7. The Type of Ground Truth Used

The ground truth used for both the training and test sets is referred to as "predefined ground truth" and established by "labeling" or a "separate team" for the external validation sets. This implies a human-generated expert consensus or annotation-based ground truth, although the specific expertise and method of consensus are not detailed. It is not explicitly stated as pathology or outcomes data.

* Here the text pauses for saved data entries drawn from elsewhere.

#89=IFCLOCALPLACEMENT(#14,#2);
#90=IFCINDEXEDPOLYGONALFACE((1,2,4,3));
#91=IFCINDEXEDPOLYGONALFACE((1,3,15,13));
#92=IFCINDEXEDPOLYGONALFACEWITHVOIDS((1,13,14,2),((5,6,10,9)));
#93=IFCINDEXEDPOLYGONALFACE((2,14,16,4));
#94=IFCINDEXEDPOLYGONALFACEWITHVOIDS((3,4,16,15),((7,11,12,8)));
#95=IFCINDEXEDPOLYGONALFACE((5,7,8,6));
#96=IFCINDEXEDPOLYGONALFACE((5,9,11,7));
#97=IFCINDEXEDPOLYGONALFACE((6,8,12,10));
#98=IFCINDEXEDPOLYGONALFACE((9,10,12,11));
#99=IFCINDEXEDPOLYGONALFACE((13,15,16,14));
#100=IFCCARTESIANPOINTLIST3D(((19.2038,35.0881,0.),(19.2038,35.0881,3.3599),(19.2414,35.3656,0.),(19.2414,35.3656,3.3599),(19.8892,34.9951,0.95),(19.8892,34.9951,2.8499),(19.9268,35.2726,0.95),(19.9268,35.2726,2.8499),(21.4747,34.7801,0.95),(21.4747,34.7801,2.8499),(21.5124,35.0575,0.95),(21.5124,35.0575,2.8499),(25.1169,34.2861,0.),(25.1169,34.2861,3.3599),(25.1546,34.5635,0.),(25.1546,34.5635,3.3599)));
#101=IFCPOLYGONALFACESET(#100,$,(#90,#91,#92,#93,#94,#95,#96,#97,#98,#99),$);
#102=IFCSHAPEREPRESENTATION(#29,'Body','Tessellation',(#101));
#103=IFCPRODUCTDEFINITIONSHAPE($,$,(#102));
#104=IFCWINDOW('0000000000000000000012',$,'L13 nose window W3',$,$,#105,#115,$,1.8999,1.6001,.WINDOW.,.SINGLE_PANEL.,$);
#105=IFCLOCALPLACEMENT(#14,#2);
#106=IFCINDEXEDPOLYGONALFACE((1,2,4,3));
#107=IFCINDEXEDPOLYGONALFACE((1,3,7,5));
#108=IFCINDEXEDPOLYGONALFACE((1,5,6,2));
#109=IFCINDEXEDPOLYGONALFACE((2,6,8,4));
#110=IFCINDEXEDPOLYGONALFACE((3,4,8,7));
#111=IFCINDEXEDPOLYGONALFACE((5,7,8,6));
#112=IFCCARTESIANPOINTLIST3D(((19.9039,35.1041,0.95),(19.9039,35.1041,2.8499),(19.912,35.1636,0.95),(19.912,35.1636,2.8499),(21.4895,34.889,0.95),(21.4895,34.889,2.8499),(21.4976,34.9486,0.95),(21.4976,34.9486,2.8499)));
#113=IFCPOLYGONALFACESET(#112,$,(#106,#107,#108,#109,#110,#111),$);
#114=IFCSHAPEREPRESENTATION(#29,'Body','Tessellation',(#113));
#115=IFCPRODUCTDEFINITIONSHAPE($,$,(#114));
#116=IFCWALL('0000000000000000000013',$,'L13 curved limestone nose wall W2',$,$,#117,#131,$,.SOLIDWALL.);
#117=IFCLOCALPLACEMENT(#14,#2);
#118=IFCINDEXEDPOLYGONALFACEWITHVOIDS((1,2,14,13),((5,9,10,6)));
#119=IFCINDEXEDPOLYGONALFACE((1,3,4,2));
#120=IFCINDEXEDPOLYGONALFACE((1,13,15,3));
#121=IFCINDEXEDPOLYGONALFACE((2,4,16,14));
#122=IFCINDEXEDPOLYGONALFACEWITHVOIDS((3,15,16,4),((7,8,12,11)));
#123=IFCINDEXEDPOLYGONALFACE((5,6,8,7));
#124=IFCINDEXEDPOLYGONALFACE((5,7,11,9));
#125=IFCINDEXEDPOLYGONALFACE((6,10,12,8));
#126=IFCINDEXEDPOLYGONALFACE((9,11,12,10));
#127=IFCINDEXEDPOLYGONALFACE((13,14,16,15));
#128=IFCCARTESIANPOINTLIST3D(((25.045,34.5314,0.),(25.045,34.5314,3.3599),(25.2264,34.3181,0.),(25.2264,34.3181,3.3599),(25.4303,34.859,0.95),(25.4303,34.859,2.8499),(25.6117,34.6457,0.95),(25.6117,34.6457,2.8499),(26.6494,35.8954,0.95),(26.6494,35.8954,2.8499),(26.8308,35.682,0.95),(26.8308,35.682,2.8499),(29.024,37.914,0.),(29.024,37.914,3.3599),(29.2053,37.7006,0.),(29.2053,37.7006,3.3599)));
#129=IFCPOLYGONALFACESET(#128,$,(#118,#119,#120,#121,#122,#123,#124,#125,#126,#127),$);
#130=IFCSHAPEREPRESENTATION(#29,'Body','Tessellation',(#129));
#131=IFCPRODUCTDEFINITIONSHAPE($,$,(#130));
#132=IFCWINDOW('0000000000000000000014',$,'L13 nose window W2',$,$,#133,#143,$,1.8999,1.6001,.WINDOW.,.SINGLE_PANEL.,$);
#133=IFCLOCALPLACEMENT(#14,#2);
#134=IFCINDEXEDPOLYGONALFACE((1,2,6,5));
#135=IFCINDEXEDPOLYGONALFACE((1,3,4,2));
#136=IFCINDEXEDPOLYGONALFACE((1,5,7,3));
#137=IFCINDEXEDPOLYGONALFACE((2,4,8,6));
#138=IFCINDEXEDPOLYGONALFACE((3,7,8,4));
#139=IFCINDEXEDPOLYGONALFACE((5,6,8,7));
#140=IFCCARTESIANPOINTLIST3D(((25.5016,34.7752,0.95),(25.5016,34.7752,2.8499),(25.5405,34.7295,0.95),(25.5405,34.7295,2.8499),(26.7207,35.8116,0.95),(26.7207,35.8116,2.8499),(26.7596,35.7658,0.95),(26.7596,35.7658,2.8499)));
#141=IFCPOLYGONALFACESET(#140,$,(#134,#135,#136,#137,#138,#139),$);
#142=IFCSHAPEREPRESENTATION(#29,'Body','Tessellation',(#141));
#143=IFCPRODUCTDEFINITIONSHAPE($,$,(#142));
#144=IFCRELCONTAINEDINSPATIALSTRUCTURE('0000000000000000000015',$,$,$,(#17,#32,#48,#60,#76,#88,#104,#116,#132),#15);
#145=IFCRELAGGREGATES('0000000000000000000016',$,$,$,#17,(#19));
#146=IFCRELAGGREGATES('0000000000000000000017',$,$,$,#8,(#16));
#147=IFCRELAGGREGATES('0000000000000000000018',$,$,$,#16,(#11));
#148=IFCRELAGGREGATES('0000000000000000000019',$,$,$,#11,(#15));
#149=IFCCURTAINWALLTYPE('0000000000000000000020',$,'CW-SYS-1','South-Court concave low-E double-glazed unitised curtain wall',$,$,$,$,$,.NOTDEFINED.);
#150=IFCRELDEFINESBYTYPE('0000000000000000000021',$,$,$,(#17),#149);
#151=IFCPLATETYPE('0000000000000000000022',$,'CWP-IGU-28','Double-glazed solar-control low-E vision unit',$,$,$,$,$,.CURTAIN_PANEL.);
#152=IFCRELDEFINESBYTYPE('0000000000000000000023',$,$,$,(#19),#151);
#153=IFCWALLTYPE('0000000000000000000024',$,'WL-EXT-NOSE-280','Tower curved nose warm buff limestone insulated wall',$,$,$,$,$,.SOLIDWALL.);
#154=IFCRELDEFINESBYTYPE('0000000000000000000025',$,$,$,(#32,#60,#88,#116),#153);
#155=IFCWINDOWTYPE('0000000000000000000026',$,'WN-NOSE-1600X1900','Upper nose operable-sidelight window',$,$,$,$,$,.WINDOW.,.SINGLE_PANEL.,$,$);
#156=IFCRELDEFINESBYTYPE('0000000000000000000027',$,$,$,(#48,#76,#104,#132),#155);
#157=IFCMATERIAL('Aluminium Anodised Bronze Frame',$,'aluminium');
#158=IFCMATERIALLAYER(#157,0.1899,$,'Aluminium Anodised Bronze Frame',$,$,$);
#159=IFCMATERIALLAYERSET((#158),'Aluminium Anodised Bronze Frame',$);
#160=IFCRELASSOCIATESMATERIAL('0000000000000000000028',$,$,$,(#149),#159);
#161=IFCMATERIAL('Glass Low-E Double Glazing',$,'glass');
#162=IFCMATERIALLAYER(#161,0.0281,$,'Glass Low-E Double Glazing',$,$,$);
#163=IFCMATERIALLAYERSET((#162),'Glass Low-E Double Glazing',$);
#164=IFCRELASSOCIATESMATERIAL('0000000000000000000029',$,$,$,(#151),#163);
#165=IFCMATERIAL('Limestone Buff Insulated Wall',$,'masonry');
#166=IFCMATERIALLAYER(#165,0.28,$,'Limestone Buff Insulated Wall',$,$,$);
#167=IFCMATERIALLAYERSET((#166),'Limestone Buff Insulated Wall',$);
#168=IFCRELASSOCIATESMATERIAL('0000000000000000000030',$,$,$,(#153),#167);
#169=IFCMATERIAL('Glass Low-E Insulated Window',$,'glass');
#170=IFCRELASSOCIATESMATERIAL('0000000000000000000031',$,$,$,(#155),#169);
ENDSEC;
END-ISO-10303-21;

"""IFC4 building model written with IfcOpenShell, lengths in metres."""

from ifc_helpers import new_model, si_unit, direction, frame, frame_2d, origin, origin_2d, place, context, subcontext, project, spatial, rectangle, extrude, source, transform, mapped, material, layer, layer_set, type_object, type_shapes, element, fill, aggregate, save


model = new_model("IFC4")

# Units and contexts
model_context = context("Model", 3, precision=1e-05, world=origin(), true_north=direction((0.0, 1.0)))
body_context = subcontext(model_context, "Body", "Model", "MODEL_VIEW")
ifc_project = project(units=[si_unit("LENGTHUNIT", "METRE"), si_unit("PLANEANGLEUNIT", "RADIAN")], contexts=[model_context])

8. The Sample Size for the Training Set

The ML models were trained with datasets from multiple sites totaling:

2852 X-ray datasets
2073 CT scans
209 MRIs

These total datasets were split as follows:

Training Set: 80% of the total dataset for each modality.
- X-ray: 0.80 * 2852 = 2281.6 (approx. 2282)
- CT scans: 0.80 * 2073 = 1658.4 (approx. 1658)
- MRIs: 0.80 * 209 = 167.2 (approx. 167)

9. How the Ground Truth for the Training Set Was Established

The document states, "ML models were developed with datasets...We trained the ML models with 80% of the dataset..." and refers to "predefined ground truth." While it doesn't explicitly detail the process for training data, it is implied that the training data also had human-generated ground truth (annotations/labels), similar to the validation data, as ML models rely on labeled data for supervised learning. It mentions that "leakage between development and validation data sets did not occur," and the external validation set was "labeled by a separate team," suggesting the training data was also labeled by experts, possibly the "internal procedures" mentioned for ML model development.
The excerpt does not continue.